Objective-C and C#: Brothers From Another Mother
My colleague Paul Irwin just posted an article called Translating Objective-C to C# – Part 1 of n. I think it’s an excellent synopsis. Having myself spent nearly a year and a half doing Objective-C programming part time before learning to C#, this is a topic that hits home for me. There are a couple of areas that warrant some additional clarification, as they are obscure for most Objective-C and .NET programmers alike.
What is id?
To answer that, we must go back to the future: to 1986. Just kidding. Well, not really. Obj-C started life in the early 1980’s, originating as a C preprocessor that allowed programmers to create purely OOP C software in a manner very much inspired by Smalltalk (just like C# was). It eventually added a runtime, then deeper compiler extensions, but interestingly, not a standard library. Obj-C is a superset of C, and gets compiled down to C. Obj-C types must, at the end of the day, be composed of C types. Since C has no object-y primitive type itself, Obj-C needs to create one. And it does, it’s a struct called objc_object
. Unlike C#, all Obj-C objects live on the heap. Instead of requiring users to write (objc_object *) all over the place, the designers mercifully declared id
as alias to objc_object*
. The actual C code for the definition of id
is:
typedef struct objc_class *Class; typedef struct objc_object { Class isa; } *id;
Interestingly, the familiar NSObject
root class has only one internal field: Class isa
. When you write a line of Obj-C like [NSObject alloc]
, the compiler emits a C call to the runtime’s id class_createInstance(Class cls, size_t extraBytes)

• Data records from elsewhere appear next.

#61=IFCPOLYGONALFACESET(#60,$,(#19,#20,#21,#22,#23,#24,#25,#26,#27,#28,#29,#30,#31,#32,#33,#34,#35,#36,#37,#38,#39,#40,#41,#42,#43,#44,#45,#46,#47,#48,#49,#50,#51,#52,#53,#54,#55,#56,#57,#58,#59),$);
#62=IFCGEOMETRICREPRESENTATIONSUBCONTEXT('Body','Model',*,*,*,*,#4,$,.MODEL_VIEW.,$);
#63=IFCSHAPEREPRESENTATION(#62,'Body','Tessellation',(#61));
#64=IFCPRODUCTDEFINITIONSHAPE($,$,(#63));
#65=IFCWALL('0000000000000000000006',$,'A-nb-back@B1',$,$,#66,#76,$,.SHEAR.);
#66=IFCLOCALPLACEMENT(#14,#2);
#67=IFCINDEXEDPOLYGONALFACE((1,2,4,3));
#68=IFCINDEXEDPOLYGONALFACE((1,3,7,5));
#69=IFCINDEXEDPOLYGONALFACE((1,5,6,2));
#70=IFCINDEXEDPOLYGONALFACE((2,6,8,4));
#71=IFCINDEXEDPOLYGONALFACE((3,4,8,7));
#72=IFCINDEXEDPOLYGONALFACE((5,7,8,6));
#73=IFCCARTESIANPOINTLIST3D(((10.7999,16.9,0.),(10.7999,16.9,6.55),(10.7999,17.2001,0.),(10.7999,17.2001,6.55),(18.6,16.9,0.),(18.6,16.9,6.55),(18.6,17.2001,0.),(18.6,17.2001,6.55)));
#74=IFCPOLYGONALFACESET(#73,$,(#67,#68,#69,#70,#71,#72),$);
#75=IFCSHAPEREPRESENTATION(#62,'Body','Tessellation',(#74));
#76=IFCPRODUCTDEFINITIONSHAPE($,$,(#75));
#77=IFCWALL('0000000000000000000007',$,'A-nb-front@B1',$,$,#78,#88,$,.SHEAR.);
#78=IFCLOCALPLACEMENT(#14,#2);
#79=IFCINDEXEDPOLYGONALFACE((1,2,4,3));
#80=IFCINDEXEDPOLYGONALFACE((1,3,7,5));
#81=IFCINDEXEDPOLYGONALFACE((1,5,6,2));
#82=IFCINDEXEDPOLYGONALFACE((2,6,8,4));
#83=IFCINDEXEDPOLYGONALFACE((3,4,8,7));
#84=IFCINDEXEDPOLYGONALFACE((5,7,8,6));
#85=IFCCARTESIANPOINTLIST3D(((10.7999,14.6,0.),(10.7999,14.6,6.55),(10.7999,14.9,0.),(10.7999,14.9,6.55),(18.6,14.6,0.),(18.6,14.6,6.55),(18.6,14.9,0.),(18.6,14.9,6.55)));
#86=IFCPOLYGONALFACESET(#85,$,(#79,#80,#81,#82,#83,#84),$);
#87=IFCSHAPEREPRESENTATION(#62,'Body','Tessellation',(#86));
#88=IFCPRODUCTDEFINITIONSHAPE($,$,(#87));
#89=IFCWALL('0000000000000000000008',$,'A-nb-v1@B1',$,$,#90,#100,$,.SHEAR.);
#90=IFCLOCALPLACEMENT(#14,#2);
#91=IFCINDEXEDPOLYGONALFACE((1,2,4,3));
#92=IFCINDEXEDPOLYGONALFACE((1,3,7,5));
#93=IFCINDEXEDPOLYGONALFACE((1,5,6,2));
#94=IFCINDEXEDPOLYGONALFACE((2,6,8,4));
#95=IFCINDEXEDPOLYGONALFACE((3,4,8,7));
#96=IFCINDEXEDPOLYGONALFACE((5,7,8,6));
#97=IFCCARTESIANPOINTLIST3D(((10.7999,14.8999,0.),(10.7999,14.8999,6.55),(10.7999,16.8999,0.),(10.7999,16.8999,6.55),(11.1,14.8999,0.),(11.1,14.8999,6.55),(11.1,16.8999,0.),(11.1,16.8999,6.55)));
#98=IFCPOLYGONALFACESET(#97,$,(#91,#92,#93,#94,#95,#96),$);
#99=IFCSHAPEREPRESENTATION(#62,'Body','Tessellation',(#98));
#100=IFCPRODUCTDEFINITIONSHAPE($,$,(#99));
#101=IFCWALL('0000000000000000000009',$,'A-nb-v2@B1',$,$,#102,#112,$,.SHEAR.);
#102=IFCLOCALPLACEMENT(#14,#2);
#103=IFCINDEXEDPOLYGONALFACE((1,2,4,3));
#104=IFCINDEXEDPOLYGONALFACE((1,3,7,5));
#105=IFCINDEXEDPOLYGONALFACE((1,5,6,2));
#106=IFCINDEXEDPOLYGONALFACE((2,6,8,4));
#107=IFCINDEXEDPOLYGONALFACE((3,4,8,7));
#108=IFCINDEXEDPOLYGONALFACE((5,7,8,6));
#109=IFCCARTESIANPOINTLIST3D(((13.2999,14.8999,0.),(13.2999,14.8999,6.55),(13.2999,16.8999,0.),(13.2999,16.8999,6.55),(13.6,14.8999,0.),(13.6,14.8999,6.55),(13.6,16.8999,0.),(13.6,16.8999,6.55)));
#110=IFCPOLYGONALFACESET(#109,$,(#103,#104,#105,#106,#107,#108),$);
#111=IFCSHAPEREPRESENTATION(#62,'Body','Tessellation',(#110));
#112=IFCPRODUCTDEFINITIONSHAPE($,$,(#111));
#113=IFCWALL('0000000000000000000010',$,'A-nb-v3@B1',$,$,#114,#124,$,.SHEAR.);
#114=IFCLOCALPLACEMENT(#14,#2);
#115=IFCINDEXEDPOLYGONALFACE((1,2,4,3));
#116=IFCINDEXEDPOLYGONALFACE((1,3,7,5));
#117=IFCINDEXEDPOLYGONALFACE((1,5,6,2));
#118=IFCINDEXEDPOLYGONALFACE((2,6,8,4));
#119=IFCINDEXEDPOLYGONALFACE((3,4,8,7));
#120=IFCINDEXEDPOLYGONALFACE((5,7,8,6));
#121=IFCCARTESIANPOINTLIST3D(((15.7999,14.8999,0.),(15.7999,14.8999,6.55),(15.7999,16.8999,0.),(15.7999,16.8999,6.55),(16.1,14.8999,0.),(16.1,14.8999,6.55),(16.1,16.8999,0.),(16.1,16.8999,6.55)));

function. Notice, though, how neither that function nor id
is coupled to NSObject
.
As mentioned above, Obj-C does not have an “official” standard library, so it’s possible to use Obj-C without using Apple’s standard library, called Cocoa. In fact, you could just use the standard C library and create your own Object
class, and id
will still work with the runtime. gcc
even comes with the Object
class, which you can use as your root object class instead. Of course, that way lies madness.
C#/.NET works the other way around. It instead of reducing OOP (Obj-C) code down to procedural code (C), it reduces OOP code (C#) down to CIL bytecode which is OOP from the get go, with instructions like initobj
and isinst
. Even primitive types are all objects–yet primitive C# value types still live in the stack just like in C and Obj-C. But that is not a language feature of C#, it’s a feature of the CLS itself. In Obj-C, that all has to be handled by whatever facilities C has, which means using pointers and using malloc. id
is actually quite clever, and is probably closest to something like .NET’s TypedReference
struct which plays a big role under the covers there too:
String str = "My String"; TypedReference strId; strId = __makeref(str); Console.WriteLine(__reftype(strId).FullName); // outputs "System.String" String result = __refvalue(strId, string); Console.WriteLine(result); // outputs "My String"
nil vs. null
Strictly speaking nil
is the value of an id
variable set to 0
. In the bigger picture, however, nil
is an implementation of the null object pattern. C#, as noted, lacks a direct equivalent, but if it did, it would probably be referenced by calling a hypothetical static field called System.Object.Null
which would return an instance of:
public class NullObject { public new String ToString() { return String.Empty; } public new Int32 GetHashCode() { return 0; } public new Boolean Equals(Object other) { return other.GetType() == this.GetType(); } }
The biggest difference between Obj-C’s nil
object and the null keyword in C# is that in Obj-C, it is perfectly permissible to send messages to nil
. The result will usually be 0
/nil
, instead of the runtime raising a NullReferenceException
as it does in C#.
More Smalltalk
What’s most exciting to me is that Objective-C/Cocoa and C#/.NET both share the same parent: Smalltalk. They are more alike than they are different. Shoot, for a couple of years now even Obj-C/c compiles down to an intermediate language that runs JIT-compiled in a virtual machine.
There’s a lot to be excited about, if you’re a fan of language design. I hope more C# developers pickup Objective-C like Paul, and I hope more Objective-C developers pickup C# like me.